This was published 7 months ago
I’m 38 and a public figure, but I’ve never been in a long-term relationship
David Stevens is better known by his stage name, David the Medium. The 38-year-old clairvoyant and spiritual medium came out as gay in the early 2000s but has never had a long-term relationship. Here, he talks about the important women in his life, especially his mum, Anne.
My maternal grandmother, June, was like a second mother to me. She retired young due to health issues, which meant I spent a lot of time with her. We went on trips to Darwin together because she loved the hot weather – and crocodiles!
She was a fun “rocker” grandmother: her favourite artists were Kris Kristofferson and Jim Morrison. She also loved the TV series Angel, a Buffy the Vampire Slayer spin-off. She was very intuitive and also read tarot cards.
My paternal grandmother, Rae, worked full-time in the 1960s and raised three kids. Her first child was stillborn and she was told to keep going and move on after such a traumatic event – very typical of that generation. Despite this sadness, she always had a sense of humour and was loving and protective. She passed away in 2018.
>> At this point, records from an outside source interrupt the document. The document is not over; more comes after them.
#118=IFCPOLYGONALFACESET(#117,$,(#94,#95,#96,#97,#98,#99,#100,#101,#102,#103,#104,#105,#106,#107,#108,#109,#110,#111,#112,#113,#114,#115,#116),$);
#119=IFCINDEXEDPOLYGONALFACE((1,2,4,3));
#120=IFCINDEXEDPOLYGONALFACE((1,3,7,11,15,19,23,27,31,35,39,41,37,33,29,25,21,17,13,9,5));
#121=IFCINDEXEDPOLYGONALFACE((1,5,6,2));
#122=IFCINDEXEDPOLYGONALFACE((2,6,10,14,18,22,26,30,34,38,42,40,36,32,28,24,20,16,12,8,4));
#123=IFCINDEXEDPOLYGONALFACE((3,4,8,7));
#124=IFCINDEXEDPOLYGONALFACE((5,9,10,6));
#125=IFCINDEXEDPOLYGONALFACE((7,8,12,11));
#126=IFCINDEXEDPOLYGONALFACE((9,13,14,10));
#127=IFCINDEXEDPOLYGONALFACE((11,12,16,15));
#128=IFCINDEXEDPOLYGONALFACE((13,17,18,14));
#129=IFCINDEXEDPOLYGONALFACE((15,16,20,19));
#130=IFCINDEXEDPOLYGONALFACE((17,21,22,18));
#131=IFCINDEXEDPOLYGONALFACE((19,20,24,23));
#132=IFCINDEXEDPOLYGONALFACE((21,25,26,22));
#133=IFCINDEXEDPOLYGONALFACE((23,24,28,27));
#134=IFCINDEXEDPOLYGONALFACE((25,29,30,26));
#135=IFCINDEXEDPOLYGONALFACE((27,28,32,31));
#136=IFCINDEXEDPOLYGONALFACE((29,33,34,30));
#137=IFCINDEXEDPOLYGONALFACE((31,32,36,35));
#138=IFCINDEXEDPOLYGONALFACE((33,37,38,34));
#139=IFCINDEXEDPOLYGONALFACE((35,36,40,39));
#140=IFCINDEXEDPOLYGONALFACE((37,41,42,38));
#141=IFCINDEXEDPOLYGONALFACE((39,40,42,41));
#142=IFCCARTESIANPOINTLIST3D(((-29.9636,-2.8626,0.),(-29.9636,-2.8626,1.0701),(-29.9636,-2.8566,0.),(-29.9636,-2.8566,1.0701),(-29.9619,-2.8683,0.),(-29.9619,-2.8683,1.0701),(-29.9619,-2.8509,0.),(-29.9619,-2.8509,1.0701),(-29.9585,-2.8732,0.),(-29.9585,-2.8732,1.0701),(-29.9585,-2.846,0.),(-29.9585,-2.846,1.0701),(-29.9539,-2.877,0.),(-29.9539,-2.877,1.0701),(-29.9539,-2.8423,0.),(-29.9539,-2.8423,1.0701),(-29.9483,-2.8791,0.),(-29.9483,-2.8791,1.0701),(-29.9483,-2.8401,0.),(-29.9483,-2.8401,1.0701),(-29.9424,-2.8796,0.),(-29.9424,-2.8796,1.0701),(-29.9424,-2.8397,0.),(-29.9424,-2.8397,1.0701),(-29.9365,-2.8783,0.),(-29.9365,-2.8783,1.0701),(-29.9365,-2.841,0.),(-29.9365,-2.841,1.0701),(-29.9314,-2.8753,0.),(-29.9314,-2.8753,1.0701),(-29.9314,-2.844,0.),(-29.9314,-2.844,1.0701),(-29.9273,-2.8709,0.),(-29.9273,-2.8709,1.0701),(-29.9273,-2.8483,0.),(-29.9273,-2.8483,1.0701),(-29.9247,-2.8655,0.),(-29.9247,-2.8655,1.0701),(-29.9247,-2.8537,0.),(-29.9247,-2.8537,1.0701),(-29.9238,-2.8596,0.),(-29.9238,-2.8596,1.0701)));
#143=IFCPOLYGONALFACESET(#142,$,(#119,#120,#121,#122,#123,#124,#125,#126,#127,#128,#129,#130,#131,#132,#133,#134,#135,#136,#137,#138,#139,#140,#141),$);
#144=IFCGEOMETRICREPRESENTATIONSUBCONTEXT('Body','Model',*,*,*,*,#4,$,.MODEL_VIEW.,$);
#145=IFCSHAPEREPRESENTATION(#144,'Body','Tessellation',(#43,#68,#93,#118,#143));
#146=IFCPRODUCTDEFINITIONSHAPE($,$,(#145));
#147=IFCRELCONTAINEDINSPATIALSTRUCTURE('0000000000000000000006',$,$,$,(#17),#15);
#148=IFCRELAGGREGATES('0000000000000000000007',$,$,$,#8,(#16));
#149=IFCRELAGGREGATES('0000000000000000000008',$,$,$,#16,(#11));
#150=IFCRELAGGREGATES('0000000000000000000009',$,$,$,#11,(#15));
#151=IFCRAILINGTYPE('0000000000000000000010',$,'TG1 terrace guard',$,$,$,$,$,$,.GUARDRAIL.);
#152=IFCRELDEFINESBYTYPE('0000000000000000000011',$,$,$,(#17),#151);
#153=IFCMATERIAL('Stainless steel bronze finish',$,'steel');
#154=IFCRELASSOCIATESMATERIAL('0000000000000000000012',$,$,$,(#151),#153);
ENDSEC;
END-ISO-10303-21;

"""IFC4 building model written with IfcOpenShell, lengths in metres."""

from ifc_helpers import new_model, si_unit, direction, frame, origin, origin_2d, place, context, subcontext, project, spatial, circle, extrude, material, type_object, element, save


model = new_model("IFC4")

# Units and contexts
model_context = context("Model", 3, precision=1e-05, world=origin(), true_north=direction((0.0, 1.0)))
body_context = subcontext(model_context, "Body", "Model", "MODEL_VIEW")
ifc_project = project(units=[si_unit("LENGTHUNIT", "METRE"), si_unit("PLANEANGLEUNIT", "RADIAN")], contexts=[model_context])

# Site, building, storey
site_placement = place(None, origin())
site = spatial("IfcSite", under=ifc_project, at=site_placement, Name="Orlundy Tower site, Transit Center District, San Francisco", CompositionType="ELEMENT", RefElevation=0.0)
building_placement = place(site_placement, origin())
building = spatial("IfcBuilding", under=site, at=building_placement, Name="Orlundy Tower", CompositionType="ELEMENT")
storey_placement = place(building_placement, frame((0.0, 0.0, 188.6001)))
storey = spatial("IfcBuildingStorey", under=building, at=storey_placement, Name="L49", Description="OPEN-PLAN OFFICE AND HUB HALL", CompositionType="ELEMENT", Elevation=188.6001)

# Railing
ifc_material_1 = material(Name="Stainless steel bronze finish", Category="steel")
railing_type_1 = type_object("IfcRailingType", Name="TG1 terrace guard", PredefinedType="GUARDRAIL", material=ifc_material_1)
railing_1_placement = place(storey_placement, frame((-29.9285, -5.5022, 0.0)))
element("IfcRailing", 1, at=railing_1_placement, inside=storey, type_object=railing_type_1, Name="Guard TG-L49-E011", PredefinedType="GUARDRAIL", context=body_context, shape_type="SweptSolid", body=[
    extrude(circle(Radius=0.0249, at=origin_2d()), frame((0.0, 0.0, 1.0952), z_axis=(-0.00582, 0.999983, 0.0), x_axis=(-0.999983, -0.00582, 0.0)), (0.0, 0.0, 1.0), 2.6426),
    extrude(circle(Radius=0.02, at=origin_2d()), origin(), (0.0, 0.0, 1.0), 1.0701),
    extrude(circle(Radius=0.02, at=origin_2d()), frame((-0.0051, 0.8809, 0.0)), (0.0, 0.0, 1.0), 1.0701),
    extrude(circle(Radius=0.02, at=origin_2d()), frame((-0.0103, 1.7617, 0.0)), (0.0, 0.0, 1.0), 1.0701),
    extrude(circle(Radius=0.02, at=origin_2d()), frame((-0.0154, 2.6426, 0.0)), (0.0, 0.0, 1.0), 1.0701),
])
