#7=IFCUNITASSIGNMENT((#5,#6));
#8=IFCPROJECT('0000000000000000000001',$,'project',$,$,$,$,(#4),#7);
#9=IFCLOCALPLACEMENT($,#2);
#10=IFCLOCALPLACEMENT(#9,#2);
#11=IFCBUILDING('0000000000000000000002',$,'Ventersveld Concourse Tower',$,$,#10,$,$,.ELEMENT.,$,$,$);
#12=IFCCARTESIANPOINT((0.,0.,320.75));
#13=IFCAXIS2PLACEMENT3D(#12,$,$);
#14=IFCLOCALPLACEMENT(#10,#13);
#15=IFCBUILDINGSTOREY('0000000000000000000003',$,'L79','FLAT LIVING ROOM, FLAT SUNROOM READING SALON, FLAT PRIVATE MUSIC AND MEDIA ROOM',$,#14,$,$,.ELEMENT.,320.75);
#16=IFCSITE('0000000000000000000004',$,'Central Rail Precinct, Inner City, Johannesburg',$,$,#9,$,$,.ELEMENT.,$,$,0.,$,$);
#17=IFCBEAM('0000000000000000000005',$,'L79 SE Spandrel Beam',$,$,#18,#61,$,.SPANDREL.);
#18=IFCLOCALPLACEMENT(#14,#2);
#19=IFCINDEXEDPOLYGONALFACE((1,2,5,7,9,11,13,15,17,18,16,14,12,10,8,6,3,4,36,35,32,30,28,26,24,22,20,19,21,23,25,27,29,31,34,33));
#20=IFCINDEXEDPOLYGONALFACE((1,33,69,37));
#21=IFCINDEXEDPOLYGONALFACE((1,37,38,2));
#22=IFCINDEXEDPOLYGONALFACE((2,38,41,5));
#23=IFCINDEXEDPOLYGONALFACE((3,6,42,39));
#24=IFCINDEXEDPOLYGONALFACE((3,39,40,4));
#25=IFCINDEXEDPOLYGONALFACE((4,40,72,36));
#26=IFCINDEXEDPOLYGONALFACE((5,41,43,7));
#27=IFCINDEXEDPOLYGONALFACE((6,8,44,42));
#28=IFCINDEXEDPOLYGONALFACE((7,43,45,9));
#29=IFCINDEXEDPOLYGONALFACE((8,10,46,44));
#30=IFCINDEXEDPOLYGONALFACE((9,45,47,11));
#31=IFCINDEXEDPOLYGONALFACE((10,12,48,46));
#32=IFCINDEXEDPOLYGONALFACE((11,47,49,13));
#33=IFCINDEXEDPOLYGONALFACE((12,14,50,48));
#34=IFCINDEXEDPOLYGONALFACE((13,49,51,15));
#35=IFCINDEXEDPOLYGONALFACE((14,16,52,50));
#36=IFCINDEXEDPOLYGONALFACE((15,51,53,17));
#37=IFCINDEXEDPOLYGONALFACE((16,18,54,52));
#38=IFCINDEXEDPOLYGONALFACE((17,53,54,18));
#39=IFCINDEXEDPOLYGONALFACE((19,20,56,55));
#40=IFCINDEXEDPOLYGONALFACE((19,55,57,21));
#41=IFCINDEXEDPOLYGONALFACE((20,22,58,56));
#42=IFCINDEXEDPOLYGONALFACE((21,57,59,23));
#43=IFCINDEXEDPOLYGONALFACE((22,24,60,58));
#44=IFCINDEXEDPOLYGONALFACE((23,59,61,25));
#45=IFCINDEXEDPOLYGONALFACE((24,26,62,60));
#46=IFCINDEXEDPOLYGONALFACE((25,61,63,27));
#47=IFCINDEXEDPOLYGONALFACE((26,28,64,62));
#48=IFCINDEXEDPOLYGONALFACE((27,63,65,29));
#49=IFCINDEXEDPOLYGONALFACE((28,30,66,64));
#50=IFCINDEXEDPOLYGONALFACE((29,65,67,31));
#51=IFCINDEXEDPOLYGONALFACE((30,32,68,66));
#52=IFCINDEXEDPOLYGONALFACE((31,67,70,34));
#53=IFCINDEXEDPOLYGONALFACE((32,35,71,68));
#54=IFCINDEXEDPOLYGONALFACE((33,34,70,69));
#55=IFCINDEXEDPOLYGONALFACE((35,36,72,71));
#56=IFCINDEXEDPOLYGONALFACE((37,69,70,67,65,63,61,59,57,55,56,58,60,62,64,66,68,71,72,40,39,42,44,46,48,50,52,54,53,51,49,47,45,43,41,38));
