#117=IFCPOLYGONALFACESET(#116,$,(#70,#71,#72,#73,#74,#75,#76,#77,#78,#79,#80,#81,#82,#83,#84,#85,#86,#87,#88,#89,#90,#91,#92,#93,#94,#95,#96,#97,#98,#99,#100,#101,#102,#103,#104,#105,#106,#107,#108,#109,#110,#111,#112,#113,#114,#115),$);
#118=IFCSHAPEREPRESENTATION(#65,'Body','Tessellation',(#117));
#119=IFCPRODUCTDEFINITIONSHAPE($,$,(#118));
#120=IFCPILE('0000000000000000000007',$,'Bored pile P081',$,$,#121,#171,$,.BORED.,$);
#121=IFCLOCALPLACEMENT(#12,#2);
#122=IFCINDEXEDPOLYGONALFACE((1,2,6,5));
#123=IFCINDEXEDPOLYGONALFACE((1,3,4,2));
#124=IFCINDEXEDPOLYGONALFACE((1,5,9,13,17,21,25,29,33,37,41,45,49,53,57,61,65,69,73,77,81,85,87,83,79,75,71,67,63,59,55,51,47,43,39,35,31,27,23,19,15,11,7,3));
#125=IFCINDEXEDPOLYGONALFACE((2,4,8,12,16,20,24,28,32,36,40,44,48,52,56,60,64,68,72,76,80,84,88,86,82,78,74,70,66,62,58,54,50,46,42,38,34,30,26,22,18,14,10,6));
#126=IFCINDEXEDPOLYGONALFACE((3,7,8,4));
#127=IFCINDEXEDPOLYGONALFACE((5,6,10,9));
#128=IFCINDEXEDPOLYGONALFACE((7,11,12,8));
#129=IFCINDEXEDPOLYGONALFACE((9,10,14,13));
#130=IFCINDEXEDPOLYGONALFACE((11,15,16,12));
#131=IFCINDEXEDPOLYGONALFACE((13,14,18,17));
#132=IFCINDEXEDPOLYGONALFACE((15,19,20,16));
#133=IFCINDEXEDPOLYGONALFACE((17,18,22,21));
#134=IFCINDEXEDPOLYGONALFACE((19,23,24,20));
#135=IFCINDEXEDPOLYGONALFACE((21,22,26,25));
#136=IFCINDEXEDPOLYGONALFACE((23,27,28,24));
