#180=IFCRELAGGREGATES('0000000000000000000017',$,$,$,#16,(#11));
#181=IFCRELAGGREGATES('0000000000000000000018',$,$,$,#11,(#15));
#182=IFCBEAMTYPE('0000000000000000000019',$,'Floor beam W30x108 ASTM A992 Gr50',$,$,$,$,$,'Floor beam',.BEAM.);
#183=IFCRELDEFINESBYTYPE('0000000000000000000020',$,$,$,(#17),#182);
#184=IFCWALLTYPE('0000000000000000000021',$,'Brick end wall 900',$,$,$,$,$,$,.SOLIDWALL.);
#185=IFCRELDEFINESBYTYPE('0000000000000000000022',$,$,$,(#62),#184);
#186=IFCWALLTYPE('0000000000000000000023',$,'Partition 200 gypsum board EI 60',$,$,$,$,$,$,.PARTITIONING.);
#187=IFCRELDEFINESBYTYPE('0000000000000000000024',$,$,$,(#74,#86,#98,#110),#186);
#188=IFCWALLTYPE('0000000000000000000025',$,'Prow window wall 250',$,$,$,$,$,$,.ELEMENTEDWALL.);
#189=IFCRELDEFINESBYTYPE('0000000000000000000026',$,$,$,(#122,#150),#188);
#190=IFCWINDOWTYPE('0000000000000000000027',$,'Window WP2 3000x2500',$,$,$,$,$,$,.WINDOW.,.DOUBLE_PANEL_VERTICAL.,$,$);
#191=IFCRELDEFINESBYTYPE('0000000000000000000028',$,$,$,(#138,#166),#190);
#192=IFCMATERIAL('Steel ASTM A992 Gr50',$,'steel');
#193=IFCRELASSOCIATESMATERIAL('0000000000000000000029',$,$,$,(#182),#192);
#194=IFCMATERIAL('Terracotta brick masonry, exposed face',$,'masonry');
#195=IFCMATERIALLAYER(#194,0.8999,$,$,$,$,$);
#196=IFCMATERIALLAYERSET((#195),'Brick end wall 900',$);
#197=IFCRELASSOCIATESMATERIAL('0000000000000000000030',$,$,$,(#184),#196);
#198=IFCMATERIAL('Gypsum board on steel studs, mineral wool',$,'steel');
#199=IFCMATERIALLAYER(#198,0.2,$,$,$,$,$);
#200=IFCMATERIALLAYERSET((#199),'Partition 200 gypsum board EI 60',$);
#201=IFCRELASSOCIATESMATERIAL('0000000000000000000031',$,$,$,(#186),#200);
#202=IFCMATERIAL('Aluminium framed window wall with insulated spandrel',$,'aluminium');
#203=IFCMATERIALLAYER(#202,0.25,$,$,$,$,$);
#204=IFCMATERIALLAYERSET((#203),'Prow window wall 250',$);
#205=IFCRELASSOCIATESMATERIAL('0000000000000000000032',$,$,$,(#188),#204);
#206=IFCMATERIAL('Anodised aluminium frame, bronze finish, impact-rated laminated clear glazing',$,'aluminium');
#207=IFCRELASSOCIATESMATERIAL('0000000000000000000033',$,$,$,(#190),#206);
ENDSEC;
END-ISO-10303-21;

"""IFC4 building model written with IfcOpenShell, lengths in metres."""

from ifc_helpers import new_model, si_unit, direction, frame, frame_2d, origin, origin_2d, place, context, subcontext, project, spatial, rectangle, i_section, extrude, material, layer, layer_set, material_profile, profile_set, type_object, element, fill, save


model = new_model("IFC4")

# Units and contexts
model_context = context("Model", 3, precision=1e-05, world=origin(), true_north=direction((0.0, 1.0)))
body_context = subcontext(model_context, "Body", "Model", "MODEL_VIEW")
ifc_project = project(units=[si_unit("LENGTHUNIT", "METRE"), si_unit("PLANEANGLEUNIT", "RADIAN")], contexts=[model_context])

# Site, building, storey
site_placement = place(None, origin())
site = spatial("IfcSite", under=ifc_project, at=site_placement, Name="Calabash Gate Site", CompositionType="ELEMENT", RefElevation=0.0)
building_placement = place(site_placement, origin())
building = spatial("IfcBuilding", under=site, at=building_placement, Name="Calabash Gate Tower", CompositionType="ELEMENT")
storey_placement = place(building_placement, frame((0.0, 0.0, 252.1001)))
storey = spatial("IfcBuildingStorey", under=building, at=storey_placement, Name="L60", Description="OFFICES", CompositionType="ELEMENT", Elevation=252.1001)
My mum, Anne, is my best friend. We live in the same apartment complex in Port Melbourne and I see her every day. She was a stay-at-home mother when we were growing up, but once she split with Dad she went back into the workforce. She retired five years ago from a corporate administration role at a law firm.
Mum gives good advice but she is also very matter-of-fact. My parents didn’t have a great relationship and she was good at protecting us from that. My older brother, Aaron, and I are good people because of her upbringing. Mum said Dad put her off men. She hasn’t re-partnered and is very independent.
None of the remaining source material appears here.